Talvez fosse a altitude. Estávamos a acampar a mais de mil metros. Talvez fosse a leve brisa gélida que as árvores, que escolhemos como cobertura, deixavam passar. Talvez fosse um riacho que corresse perto. Talvez fosse por estarmos no Outono, e já vai sendo hora de o frio aparecer. Talvez tudo isto ou nada. O que é certo é que fez um briol de morrer durante toda a noite. Ninguém dormiu a partir de uma certa hora. Não foi tão mau como da vez  em França, o ano passado, mas andou lá perto. A água dos cantis congelou. Os alforges e tenda estavam estaladiços do gelo que acumularam e as varetas da tenda tinham os pingos de água da condensação também transformados em estalactites geladas.


Quem é que consegue arrumar tendas e tralhas, com os dedos dormentes do frio, a doerem por todos os lados? Foi uma carga de trabalhos, é o que foi. Quando finalmente começámos a pedalar, às dez, vestidos a rigor, com luvas e dois pares de meias, até suspirámos de alivio quando começámos a subir o restante troço, que nos levaria ao ponto mais alto da serra.

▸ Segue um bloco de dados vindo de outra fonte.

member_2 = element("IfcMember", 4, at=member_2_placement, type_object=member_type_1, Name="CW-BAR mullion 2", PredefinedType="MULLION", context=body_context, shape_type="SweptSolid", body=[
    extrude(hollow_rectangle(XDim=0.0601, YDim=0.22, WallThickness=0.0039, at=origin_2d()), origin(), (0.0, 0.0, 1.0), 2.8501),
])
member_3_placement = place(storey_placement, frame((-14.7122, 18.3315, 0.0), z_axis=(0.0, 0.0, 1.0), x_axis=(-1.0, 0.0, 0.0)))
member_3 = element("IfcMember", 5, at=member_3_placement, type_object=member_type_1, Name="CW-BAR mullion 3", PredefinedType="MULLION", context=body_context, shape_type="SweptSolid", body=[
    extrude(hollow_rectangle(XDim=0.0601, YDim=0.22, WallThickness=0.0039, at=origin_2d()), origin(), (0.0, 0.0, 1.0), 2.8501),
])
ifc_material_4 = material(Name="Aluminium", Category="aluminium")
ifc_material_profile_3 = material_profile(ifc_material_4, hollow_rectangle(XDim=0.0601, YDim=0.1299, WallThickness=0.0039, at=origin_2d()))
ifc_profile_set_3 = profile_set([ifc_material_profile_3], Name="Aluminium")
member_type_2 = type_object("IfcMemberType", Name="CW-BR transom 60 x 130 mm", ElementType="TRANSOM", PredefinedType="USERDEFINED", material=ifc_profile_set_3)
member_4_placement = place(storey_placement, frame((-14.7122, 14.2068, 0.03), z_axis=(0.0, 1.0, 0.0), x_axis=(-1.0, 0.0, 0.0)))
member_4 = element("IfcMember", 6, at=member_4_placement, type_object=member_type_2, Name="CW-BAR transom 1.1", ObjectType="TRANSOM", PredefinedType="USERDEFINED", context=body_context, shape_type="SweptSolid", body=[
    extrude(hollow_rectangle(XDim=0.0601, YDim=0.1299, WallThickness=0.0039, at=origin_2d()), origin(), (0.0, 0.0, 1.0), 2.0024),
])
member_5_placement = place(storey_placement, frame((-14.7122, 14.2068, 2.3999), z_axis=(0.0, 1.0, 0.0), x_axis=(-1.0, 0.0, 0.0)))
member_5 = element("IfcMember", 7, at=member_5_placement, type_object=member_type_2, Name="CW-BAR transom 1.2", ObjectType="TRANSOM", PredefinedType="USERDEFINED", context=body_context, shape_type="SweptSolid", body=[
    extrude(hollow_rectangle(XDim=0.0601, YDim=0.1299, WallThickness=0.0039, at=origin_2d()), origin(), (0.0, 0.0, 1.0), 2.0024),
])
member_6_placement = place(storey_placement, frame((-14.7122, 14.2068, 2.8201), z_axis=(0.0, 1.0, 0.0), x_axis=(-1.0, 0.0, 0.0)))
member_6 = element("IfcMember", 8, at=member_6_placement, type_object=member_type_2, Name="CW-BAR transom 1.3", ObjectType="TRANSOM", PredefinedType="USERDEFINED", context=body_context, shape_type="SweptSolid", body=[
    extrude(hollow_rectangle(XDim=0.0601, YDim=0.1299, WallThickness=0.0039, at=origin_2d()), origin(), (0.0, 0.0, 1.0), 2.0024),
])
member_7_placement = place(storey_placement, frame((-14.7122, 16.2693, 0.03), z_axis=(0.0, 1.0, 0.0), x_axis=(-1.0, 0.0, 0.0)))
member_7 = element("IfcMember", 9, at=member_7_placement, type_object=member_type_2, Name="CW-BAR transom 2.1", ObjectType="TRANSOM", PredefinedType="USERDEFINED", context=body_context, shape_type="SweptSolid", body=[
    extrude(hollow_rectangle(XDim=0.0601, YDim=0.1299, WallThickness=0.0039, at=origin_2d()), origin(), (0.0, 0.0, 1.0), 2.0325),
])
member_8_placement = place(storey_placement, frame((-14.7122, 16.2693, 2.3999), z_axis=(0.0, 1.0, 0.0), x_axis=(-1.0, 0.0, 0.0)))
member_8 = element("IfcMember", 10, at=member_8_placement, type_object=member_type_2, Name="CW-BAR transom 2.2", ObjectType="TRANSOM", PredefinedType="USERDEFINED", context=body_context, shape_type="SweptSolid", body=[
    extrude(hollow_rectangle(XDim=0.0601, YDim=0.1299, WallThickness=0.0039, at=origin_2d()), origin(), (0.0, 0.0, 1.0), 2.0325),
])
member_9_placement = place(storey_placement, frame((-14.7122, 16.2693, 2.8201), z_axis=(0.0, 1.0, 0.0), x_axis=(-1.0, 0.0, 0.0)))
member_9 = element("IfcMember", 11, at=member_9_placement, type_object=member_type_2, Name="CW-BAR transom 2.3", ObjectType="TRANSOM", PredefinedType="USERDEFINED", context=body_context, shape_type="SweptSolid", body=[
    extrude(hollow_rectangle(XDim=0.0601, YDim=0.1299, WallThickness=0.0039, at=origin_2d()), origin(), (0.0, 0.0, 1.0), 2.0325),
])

É sábado. Em Espanha, é sinónimo de sossego na estrada. Em especial em zonas destas. Subimos até aos mil e duzentos, com a nacional só para nós. A seguir, não foi sempre a descer, mas as descidas davam balanço para as subidas, por isso o conta-quilómetros avançava rápido.
Tirando a íngreme subida, no Parque Natural do Desfiladeiro do Rio Lobos, que nos pareceu ser um rio seco, mas com bastantes hikers e btt'tistas, a percorrerem os seus trilhos demarcados, o resto do dia foi mais plano.

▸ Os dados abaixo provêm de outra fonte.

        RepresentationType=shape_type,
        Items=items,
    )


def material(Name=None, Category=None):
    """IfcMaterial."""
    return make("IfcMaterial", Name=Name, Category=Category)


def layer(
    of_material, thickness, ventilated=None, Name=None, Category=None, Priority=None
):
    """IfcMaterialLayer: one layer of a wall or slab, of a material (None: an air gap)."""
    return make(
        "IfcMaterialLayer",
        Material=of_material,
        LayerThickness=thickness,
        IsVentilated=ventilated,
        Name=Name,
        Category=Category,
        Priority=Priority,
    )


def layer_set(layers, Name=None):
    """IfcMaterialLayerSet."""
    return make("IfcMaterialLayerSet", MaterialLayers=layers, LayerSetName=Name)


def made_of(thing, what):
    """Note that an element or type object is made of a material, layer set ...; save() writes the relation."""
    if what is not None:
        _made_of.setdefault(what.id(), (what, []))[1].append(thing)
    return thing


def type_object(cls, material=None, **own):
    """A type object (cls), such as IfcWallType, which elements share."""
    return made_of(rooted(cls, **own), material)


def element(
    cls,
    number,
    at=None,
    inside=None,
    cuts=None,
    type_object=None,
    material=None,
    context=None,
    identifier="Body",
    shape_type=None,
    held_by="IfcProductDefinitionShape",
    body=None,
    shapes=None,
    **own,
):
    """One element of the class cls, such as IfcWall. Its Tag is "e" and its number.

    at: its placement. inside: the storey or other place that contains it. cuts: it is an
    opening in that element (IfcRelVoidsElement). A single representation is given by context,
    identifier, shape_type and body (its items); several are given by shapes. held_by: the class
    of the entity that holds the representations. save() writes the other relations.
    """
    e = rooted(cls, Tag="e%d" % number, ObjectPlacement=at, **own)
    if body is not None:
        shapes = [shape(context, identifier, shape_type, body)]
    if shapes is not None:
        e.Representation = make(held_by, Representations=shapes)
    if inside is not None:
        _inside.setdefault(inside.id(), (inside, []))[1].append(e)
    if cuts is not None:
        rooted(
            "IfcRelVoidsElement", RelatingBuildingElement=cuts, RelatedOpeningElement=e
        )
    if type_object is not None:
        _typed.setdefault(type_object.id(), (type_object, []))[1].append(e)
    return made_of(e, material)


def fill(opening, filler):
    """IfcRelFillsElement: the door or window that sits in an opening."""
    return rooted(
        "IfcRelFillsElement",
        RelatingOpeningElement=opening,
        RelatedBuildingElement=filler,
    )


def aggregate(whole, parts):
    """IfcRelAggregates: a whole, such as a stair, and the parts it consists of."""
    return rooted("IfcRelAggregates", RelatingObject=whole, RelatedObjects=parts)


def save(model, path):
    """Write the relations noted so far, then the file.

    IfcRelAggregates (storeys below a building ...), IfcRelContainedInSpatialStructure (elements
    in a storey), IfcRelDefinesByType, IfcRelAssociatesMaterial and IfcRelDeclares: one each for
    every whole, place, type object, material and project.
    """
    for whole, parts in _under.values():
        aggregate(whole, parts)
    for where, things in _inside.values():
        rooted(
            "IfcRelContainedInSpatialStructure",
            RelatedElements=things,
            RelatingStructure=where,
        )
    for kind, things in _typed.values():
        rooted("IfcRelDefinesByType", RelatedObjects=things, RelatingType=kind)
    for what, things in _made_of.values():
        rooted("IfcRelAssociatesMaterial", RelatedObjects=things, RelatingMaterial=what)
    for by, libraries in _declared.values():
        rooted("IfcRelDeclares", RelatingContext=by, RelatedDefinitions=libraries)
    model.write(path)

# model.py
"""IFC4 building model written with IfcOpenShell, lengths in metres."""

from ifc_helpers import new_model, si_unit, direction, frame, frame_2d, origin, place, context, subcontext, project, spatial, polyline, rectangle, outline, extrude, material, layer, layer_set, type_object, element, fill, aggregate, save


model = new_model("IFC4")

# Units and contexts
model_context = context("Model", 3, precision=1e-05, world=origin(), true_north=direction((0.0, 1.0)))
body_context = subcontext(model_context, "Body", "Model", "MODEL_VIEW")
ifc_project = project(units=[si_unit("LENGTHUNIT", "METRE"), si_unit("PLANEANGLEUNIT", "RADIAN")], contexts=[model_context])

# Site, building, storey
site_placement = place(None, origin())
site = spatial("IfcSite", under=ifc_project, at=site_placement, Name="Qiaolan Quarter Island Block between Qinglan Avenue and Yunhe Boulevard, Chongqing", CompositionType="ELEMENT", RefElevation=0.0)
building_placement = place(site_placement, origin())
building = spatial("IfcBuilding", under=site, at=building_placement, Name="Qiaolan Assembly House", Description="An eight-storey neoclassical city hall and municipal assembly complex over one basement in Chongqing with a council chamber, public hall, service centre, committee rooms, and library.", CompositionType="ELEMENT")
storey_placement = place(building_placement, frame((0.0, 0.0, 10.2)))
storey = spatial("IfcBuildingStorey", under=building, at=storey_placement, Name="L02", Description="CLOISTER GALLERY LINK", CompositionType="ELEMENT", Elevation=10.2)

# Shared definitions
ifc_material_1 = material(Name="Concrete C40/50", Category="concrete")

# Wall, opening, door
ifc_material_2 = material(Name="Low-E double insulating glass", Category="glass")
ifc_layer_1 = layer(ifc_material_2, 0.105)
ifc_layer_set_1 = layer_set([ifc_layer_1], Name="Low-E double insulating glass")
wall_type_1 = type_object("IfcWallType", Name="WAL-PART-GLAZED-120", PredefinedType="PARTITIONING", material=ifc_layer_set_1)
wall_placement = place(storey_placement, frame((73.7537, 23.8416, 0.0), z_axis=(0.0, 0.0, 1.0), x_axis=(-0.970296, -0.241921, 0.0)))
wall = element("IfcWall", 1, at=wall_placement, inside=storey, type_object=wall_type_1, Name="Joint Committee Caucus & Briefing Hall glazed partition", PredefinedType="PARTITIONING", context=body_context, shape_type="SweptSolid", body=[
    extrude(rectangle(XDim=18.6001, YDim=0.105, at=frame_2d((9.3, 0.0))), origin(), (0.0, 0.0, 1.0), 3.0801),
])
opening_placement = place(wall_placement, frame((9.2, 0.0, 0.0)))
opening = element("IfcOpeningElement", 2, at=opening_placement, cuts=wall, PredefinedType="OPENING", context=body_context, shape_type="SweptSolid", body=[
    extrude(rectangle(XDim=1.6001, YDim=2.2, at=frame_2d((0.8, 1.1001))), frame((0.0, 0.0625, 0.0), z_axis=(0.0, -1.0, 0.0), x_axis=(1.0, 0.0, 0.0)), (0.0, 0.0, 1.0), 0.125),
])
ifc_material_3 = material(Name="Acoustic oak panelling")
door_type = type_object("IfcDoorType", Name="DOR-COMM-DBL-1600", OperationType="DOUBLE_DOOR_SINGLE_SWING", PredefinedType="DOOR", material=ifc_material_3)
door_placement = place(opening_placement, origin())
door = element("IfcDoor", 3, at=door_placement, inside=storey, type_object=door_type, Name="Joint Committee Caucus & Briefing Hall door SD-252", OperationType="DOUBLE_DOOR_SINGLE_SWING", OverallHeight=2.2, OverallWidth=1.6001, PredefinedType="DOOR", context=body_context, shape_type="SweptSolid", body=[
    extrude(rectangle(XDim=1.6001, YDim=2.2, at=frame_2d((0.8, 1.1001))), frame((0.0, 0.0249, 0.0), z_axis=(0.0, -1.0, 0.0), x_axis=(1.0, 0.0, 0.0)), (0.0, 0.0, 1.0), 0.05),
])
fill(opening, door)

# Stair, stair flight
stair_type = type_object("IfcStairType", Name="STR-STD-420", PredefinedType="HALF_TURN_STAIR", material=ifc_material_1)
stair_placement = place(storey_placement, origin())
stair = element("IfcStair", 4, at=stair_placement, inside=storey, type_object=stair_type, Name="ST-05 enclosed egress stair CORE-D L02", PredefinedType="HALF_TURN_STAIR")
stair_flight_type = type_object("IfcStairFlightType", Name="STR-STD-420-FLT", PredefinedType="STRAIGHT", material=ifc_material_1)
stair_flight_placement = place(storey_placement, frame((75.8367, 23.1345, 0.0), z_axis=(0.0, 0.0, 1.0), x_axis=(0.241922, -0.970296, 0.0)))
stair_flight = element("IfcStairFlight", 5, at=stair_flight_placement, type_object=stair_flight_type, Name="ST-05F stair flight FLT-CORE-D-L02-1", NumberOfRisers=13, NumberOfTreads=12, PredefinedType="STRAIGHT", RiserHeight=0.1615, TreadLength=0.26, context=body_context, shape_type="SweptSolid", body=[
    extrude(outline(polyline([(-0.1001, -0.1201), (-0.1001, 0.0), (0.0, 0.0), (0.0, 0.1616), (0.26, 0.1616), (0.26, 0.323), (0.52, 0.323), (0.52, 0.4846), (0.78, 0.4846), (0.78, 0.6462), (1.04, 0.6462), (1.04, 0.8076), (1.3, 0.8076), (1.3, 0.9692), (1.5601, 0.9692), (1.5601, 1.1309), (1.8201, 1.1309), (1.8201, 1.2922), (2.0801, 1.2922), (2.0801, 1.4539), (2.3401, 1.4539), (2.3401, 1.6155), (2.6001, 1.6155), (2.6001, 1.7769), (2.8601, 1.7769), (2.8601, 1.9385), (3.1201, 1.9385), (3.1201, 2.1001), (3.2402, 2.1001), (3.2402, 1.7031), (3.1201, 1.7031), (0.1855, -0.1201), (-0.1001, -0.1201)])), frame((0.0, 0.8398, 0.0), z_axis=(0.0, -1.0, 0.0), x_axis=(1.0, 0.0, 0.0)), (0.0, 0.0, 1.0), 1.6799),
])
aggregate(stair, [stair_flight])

Sempre a pedalar, com o sol de frente. As serras a ficaram para trás, os campos lavrados de solo vermelho e laranjas a dominarem  paisagem. As pequenas colinas, com antigos castelos em ruínas. Muros perdidos nos campos a delimitarem um terreno passado. Os vilarejos desertos, mas cheios de carácter e perfeitamente adequados à paisagem. A segurança de encontrarmos sempre uma fonte de água fresca. Ainda mais quando descemos, de novo, em direcção ao Duero. É por aqui, que aparecem as primeiras vinhas, que supomos serem de denominação, Vinho do Douro (será que estou a dizer bem?)

Algo aconteceu esta tarde de pedaleio. Encaminhados e sem sequer parar, perdemos o fio à meada e quando demos por nós, a cara bronzeada, ficou ainda mais queimada, os lábios gretados do excesso de sol e vento de frente, e eram sete da tarde, quando entrámos em Arada del Duero. Uma cidade demasiado grande para a hora que nela entrámos.
Muito trânsito. Muitas indústrias e bairros sociais. Muitas construções nos arredores. Muita confusão para encontrar um sítio onde dormir. Algo que só fizemos, quando passámos as vilas a seguir, quando o campo voltou a ficar deserto e quando enredámos por umas vinhas e empurrámos as biclas pelas encostas arenosas acima, como estocada final de um longo dia.


Mas que silêncio, a noite promete não ser tão fria como a anterior. Tudo está bem... Estamos a dormir juntos às vinhas do Douro.